Annual Enrollment for the State Health Plan begins on May 20th for the new plan year beginning July 1, 2013. Enrollment is online and must be completed on or before May 31, 2013. You do not need to do anything during Annual Enrollment if you are satisfied with the plan in which you are currently enrolled. Enrollment is online and late enrollment is not accepted. If you take no action, you and any covered dependents will remain on your current plan.

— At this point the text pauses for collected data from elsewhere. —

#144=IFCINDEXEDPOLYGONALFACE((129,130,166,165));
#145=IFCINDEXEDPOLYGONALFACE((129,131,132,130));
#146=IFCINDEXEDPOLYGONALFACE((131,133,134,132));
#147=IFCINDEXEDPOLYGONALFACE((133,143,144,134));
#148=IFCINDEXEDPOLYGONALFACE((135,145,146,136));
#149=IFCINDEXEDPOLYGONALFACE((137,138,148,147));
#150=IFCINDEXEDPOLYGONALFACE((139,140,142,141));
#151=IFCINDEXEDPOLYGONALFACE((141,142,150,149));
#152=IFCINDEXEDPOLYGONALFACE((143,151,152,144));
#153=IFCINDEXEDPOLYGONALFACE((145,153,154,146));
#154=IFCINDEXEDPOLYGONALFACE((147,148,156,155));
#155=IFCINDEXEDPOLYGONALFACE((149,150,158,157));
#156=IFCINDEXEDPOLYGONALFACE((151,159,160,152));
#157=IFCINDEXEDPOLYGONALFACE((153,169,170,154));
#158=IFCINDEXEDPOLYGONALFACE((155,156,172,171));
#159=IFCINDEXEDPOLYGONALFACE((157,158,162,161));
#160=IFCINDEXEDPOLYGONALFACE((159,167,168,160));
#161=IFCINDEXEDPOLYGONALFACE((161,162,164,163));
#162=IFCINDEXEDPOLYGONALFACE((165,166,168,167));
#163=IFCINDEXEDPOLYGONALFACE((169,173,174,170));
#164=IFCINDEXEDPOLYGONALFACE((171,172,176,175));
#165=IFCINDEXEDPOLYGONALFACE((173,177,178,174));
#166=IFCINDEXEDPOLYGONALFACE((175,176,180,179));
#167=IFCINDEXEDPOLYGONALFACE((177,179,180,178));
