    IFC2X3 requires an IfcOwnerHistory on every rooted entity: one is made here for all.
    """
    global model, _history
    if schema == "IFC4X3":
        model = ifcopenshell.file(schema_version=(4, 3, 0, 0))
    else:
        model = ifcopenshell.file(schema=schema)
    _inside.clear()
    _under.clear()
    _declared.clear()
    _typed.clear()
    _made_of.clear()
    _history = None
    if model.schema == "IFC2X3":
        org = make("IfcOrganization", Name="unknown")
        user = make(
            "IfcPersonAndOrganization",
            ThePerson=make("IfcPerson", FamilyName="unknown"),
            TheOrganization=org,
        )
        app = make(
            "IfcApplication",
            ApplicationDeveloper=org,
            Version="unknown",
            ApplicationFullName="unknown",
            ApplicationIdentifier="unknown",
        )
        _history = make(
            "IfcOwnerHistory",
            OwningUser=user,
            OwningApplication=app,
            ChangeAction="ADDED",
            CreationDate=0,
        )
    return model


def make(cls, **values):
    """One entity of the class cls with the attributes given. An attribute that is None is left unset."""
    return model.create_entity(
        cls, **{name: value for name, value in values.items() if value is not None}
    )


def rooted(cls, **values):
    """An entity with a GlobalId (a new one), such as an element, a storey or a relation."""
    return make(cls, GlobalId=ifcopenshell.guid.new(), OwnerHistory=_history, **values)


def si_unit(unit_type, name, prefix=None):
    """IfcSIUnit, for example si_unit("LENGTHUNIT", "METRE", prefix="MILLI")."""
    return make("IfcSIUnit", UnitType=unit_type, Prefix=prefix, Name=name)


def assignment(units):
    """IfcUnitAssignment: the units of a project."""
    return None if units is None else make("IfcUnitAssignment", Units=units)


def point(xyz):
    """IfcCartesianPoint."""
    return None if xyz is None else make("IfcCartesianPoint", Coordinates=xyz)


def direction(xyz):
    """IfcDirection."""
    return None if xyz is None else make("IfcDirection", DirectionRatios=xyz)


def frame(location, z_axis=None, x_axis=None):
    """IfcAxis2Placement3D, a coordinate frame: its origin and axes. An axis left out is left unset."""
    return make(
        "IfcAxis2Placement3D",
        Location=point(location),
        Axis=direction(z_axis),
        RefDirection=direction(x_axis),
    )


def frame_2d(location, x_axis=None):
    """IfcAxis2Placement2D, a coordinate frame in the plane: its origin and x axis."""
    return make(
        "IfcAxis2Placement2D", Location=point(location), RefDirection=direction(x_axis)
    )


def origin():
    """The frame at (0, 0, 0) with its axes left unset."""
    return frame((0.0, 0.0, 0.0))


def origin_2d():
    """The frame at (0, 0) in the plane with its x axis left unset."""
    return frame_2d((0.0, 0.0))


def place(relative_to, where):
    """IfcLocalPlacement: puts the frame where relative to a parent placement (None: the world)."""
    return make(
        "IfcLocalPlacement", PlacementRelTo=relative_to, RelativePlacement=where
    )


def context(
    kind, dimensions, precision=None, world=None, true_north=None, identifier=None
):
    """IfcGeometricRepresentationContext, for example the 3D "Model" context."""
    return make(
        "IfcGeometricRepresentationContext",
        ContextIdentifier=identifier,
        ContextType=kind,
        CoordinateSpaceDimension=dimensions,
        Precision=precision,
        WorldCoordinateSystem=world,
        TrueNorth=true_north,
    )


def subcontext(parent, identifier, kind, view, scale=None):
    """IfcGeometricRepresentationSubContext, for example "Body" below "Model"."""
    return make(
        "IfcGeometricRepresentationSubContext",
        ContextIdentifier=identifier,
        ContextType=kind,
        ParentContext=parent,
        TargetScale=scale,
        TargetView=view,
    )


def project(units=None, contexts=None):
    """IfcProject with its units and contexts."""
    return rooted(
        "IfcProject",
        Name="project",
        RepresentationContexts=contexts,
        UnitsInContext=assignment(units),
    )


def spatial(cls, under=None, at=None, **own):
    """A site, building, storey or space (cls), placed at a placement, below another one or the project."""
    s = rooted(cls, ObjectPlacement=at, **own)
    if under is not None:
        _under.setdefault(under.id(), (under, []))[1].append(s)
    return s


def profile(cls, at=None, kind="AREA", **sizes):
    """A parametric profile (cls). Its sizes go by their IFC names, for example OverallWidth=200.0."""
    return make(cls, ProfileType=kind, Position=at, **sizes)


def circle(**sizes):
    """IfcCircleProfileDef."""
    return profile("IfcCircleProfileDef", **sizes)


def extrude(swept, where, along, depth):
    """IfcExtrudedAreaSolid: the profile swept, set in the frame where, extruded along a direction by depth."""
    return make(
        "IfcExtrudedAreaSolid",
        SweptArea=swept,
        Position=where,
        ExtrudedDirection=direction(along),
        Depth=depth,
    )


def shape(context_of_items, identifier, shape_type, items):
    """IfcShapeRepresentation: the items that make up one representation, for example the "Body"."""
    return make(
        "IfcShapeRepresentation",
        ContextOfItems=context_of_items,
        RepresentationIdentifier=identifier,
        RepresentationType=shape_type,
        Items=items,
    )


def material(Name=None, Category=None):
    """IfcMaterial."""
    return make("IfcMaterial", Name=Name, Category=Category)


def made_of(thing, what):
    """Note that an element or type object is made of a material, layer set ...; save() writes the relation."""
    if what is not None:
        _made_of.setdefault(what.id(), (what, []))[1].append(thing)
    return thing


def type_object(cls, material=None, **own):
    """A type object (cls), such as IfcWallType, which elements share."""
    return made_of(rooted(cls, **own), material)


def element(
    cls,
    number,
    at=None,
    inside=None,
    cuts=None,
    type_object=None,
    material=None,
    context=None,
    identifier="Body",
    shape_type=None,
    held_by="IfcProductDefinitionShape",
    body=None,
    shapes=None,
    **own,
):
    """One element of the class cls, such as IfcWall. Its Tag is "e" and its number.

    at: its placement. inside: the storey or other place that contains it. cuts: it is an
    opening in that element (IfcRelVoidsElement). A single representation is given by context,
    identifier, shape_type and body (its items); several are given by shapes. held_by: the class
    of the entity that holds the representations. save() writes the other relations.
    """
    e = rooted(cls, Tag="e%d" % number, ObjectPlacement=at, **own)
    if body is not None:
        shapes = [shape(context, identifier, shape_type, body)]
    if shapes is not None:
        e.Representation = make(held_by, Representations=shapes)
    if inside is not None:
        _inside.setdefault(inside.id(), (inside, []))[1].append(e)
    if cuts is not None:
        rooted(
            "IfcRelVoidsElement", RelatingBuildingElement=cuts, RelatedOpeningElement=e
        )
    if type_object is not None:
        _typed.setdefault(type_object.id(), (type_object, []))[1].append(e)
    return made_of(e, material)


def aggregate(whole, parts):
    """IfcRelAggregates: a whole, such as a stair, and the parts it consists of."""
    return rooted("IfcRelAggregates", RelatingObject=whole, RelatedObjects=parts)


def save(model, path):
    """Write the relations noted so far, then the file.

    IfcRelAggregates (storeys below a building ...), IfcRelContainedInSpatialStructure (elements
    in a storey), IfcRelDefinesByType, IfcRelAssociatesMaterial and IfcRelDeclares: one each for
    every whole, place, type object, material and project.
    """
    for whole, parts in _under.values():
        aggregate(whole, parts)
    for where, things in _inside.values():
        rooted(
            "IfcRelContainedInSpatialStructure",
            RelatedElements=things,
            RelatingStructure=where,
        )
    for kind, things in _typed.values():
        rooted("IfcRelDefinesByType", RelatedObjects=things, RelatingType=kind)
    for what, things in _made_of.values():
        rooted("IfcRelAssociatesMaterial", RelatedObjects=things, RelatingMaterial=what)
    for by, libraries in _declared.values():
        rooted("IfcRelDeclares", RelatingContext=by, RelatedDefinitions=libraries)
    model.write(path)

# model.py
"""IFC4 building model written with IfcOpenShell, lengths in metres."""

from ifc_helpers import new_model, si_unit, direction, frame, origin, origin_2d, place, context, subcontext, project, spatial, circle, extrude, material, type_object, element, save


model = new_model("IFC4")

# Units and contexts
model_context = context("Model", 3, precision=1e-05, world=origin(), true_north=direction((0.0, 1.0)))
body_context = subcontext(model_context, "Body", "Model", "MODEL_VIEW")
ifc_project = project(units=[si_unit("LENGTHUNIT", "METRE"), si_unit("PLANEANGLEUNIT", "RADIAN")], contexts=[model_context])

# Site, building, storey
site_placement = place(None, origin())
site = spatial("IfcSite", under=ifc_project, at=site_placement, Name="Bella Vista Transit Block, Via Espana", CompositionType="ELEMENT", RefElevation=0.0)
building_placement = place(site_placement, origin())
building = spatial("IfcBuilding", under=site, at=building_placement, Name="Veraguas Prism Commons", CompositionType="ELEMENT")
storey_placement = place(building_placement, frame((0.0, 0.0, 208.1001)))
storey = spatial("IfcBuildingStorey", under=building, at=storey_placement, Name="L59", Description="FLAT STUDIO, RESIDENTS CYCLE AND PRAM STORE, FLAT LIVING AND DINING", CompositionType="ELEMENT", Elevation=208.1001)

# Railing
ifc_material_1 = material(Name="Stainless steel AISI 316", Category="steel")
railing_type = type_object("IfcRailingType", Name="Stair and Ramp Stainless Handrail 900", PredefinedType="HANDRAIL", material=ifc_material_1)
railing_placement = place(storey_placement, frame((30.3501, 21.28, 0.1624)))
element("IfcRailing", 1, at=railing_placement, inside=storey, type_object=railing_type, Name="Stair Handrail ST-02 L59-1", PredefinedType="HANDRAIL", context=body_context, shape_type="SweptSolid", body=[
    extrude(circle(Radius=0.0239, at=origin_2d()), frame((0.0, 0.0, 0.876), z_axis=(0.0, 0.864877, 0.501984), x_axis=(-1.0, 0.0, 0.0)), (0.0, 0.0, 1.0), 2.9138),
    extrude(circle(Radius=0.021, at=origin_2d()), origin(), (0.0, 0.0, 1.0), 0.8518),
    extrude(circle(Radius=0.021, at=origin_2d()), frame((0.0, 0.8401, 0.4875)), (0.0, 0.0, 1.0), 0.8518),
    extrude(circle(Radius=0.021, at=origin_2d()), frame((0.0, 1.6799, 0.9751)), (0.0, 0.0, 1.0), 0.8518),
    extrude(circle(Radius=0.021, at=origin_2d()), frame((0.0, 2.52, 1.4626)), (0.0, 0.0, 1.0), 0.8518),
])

  • Employees are encouraged to enroll early at

    New Hire Eligibility

    You are eligible for benefits as a full time or part-time employee of Guilford County Schools. Some benefits are required while others are elective. While GCS may pay for some benefits, you must enroll in all benefits you want to participate in within thirty (30) days of your hire date. If you miss this deadline, you must wait until the next open enrollment period unless you experience a qualifying status change during the year. (See Mid-year Changes below for additional information.)


    Employee Eligibility

    Benefits eligibility is determined by position status and regular hours worked.  Permanent employees who work at least 30 hours per week are eligible to receive employer paid medical benefits and basic life insurance for themselves. Employees must enroll in the benefits to be covered.

    Dependent Eligibility

    If you are eligible to participate in the benefits offered through GCS, your eligible dependents may also participate. Proof of dependent status for newly enrolled dependents is required. Your eligible dependents include your legal spouse, and/or your unmarried children* who are:

    • less than 19 years old,
    • 19 or more years old, but less than 26 years old, enrolled in school as a full-time student and supported primarily by you, or
    • 19 or more years old and incapable of self-sustaining employment by reason of mental or physical disability.

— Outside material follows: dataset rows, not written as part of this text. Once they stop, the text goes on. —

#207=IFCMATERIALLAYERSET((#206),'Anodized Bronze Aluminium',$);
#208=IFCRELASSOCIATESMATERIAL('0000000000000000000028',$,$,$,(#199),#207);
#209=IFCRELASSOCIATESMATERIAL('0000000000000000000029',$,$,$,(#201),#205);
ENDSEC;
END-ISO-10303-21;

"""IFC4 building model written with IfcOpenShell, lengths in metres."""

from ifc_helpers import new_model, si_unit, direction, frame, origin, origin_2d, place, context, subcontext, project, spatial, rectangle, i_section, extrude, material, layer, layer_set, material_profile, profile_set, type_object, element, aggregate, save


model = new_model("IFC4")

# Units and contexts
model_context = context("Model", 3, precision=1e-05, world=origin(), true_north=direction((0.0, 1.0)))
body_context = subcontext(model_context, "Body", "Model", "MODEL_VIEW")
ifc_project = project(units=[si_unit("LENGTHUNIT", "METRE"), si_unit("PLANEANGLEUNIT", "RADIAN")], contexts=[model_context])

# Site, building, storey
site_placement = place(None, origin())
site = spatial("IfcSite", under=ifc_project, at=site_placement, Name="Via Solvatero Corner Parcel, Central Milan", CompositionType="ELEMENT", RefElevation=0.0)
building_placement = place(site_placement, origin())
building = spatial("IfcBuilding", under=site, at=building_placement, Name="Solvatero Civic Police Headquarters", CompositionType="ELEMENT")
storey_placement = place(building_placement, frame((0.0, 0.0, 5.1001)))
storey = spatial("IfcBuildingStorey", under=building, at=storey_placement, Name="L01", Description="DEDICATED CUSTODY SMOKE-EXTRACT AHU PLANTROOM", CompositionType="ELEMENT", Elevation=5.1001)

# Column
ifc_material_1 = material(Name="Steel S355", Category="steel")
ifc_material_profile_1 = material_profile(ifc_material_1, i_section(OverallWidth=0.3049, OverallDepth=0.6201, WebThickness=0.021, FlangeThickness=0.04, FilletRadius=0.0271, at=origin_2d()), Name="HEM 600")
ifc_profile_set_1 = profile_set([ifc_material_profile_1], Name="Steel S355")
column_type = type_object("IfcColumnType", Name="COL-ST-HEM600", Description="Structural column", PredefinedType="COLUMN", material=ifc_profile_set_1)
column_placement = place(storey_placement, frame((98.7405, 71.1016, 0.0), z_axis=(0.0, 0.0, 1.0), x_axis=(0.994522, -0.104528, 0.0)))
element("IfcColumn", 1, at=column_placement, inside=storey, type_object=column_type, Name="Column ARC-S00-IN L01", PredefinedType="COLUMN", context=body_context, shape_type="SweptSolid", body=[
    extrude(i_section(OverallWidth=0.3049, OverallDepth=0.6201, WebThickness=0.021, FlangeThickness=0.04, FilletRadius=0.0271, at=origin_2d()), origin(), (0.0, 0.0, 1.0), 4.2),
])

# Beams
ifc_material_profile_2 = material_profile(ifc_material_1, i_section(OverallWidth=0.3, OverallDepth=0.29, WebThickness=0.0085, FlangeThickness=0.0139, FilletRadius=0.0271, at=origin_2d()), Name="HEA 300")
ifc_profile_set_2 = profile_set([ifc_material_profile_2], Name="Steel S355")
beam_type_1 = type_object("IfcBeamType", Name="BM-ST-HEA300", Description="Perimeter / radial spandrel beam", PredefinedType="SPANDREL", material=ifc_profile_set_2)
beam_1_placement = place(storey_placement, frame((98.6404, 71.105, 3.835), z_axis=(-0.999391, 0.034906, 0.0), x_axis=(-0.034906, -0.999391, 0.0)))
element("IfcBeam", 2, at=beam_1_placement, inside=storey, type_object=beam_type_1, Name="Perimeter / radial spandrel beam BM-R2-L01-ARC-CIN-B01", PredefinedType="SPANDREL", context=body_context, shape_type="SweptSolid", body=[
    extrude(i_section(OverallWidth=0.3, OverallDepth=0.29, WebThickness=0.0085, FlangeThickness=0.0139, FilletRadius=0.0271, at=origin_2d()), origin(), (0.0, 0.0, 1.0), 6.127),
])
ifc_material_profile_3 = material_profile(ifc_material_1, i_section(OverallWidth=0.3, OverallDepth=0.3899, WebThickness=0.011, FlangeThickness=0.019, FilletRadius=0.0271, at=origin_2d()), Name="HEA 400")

    *Children include children born to you, legally adopted, stepchildren who reside with the employee, children for whom you are the legal guardian, and children you support as a result of a valid court order. The following documents may be used to prove dependent status:

    • Marriage Certificate
    • Divorce Documentation
    • Birth Certificate
    • Court Documents: adoption, placement, custody, guardianship, other court order of dependent status, and other court order requiring benefit coverage

    Open Enrollment

    Open enrollment is the one time each year you have the opportunity to make changes to your benefits. You can change your plan type, as well as add or drop coverage. You may also change whom you cover on your insurance during this time. Any changes made during open enrollment must remain until the following open enrollment period, unless you have a qualifying life change event. If you do not enroll in benefit plans when you are first hired, open enrollment allows you to enroll without any qualifying event. Health insurance enrollment is completed online, while other types of insurance require enrollment forms.  These forms may be found at Forms and Handbooks.

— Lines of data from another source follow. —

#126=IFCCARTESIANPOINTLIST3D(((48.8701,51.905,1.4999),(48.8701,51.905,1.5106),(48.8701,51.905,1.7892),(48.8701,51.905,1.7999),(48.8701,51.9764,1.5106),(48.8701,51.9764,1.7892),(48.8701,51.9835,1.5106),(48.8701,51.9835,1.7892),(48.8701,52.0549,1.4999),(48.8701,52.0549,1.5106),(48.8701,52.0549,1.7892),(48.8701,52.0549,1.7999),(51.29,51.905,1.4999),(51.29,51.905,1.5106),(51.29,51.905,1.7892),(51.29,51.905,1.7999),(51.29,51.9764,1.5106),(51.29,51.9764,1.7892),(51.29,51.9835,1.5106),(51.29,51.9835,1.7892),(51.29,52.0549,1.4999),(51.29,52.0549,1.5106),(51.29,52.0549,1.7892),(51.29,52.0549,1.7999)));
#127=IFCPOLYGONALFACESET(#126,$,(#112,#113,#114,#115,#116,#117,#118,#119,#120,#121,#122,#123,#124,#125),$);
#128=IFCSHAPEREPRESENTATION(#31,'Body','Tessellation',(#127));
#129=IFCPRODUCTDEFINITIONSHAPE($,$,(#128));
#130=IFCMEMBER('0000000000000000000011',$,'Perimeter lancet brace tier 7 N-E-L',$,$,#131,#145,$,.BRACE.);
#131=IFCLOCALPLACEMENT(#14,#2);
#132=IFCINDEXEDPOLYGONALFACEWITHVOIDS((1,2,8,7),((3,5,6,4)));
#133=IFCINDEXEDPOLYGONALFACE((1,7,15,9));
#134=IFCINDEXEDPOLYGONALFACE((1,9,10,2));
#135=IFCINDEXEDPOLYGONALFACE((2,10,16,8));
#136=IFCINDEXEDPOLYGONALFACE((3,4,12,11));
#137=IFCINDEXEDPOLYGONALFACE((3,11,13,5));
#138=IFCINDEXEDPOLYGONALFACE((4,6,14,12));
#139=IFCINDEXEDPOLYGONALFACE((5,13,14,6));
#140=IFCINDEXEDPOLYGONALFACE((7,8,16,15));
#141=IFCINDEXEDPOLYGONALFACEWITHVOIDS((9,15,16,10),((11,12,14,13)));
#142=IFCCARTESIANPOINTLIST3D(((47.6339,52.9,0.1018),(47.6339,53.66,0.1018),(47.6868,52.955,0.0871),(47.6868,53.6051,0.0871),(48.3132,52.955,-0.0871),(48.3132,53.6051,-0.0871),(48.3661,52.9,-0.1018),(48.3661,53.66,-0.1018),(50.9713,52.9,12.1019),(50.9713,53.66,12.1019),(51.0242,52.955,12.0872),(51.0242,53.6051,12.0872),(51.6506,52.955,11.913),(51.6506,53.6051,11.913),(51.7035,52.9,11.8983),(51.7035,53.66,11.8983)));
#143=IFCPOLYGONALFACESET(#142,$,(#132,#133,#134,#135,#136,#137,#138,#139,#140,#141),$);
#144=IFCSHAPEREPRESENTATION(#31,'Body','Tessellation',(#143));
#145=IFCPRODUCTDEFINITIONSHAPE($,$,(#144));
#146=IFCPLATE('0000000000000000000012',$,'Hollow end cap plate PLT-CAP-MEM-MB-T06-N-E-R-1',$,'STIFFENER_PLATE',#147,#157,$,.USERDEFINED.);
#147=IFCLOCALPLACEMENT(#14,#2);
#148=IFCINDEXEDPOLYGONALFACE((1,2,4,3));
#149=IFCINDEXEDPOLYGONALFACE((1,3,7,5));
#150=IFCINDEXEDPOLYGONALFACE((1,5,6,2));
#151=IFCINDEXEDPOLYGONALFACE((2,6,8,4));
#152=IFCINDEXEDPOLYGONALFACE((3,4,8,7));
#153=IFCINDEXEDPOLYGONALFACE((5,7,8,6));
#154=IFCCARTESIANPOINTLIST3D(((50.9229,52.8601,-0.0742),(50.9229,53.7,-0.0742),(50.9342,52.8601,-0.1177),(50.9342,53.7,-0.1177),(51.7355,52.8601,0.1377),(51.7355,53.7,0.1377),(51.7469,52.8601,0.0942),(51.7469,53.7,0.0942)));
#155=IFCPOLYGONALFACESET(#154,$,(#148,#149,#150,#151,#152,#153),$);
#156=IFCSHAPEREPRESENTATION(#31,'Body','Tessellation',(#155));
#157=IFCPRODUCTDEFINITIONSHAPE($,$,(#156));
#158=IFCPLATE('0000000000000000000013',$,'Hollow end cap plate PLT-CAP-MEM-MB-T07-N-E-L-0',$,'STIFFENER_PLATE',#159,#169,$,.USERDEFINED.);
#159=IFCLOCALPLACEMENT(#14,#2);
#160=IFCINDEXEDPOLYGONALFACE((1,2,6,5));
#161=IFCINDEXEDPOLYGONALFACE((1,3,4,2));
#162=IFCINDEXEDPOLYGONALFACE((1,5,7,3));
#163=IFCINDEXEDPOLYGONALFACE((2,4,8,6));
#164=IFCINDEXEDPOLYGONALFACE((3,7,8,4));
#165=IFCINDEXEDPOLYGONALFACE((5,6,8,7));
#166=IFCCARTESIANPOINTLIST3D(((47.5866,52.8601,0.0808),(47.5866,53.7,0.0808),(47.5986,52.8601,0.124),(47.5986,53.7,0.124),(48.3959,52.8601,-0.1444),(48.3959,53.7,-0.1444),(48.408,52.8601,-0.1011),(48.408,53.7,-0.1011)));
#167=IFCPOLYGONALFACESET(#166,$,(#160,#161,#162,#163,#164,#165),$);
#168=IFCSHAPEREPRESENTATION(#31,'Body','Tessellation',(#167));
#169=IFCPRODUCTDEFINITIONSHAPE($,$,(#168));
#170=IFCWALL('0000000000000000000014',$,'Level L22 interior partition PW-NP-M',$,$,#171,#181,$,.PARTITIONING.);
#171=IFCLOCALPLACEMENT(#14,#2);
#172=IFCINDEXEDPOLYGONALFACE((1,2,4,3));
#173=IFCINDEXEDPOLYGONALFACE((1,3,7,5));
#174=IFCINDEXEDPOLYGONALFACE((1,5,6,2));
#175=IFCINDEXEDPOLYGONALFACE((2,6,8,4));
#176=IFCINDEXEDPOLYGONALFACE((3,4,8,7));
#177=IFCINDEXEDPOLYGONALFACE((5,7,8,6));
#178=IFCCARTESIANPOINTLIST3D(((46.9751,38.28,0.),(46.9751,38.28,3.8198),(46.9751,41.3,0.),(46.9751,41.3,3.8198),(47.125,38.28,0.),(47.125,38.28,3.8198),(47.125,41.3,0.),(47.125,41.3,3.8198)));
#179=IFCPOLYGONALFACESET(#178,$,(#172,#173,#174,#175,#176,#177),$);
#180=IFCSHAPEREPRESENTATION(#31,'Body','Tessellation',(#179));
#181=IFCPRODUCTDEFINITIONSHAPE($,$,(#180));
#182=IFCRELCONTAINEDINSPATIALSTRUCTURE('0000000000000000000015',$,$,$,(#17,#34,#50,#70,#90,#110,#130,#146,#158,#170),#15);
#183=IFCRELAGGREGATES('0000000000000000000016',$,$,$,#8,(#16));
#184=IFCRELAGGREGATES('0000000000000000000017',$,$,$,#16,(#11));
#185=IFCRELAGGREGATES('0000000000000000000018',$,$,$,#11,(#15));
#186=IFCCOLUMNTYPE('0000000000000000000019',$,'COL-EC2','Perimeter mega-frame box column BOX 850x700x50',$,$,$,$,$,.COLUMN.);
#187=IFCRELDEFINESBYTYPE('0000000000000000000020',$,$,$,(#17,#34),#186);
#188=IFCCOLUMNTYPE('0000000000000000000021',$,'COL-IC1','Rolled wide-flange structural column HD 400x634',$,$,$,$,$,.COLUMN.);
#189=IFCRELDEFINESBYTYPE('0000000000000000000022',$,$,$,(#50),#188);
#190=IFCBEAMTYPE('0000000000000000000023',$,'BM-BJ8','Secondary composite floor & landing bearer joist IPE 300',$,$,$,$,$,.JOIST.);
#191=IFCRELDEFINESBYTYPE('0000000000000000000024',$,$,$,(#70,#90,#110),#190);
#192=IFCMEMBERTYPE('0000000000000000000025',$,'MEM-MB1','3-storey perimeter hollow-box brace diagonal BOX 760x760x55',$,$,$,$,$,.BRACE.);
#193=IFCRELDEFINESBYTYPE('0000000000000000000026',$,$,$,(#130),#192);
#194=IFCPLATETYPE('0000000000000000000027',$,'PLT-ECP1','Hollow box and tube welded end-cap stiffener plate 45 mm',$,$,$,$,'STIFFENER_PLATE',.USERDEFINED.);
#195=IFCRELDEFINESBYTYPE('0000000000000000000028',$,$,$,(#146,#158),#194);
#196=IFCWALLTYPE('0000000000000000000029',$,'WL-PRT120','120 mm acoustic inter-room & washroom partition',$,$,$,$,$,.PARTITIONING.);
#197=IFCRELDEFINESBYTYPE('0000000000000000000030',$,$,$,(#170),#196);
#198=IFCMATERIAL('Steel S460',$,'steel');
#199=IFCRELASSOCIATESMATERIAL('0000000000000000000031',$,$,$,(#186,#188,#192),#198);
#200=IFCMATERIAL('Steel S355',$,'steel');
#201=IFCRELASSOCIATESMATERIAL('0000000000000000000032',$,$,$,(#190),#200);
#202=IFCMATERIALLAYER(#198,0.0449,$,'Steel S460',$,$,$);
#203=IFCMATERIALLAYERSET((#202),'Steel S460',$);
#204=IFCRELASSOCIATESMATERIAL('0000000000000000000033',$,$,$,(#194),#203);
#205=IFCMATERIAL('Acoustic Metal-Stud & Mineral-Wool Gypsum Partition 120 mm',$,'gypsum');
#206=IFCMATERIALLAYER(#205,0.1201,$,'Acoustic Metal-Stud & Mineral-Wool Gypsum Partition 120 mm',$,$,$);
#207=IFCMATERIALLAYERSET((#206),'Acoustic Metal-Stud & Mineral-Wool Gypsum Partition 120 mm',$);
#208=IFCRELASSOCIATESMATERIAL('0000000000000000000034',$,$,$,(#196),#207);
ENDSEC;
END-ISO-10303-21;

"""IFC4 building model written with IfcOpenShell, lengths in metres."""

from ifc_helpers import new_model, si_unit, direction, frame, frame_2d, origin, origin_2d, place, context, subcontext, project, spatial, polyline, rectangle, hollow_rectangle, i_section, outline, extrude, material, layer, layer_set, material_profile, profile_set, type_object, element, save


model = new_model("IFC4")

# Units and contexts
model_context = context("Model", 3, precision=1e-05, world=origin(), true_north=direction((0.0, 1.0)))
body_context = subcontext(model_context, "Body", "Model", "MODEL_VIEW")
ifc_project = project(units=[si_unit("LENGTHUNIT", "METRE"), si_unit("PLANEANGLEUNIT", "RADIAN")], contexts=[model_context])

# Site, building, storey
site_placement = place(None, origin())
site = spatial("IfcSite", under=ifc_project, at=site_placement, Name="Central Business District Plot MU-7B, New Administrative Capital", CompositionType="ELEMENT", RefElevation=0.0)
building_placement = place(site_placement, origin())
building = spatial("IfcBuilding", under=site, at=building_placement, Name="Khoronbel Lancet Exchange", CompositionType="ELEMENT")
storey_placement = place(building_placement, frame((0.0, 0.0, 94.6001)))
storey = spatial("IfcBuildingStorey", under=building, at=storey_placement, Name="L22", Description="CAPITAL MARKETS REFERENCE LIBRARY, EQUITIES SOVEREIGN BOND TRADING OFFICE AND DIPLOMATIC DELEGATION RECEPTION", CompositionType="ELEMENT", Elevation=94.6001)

    Waiting Period for Preexisting Conditions

    Employees or dependents not enrolling when first eligible may have a 12-month waiting period for preexisting conditions. A preexisting condition is defined as a condition, disease, illness or injury diagnosed and treated within six months prior to the effective date of coverage. Health care services determined to be related to a preexisting condition are not covered during the waiting period.

    You must complete all benefits enrollment or changes within 30 days of a family status change in order to avoid a 12-month waiting period for preexisting conditions.

    Late Enrollment

    If you do not submit your paperwork to the benefits office within the first 30 days of employment, you may not be able to enroll in any plans until open enrollment. If you have a qualifying life change event during the year, you may be allowed to enroll at that time. See “Mid-Year Changes” below for additional information. If you do enroll after your first 30 days, you may be subject to a waiting period.

    Mid-Year Changes

    The enrollment options you select will remain in effect until the end of the plan year. You will have to wait until the next open enrollment period to make changes unless you experience a qualifying change in status event, per the IRS. Qualifying change in status events include:

    • Marriage, annulment, legal separation, divorce
    • Death
    • Birth, adoption or placement of a child in foster care
    • Termination or commencement of employment of spouse
    • Change from part-time to full-time or full-time to part-time employment status by employee or spouse
    • The taking of an unpaid leave of absence by either employee or spouse
    • Child ceases to qualify as an eligible dependent due to age, student status or marriage
    • Entitlement of Medicare or Medicaid by employee, spouse or child
    • Required by court order to provide coverage for child
    • A significant change (at least $50 per month) in health premium benefits in the plan covering spouse and/or child(ren) If you have a qualifying change in status event during the year, and you want to make changes to your benefits elections, you must make your changes within  thirty (30) days of the event. Documentation is required:

      a. birth certificate;
      b. marriage certificate;
      c. COBRA notification; etc.

    The following information will help you make eligible changes: 

    • To make changes go to:
    • You must provide documentation of the qualifying change in status event. This information should be sent to the Benefits Department no later than 30 days following the qualifying change in status event.
    • Contact the Benefits Department at 370-8352 or 370-8996, if you have questions.

    Any request received after 30 days of a qualifying event or does not meet the definition of a qualifying event will not be processed.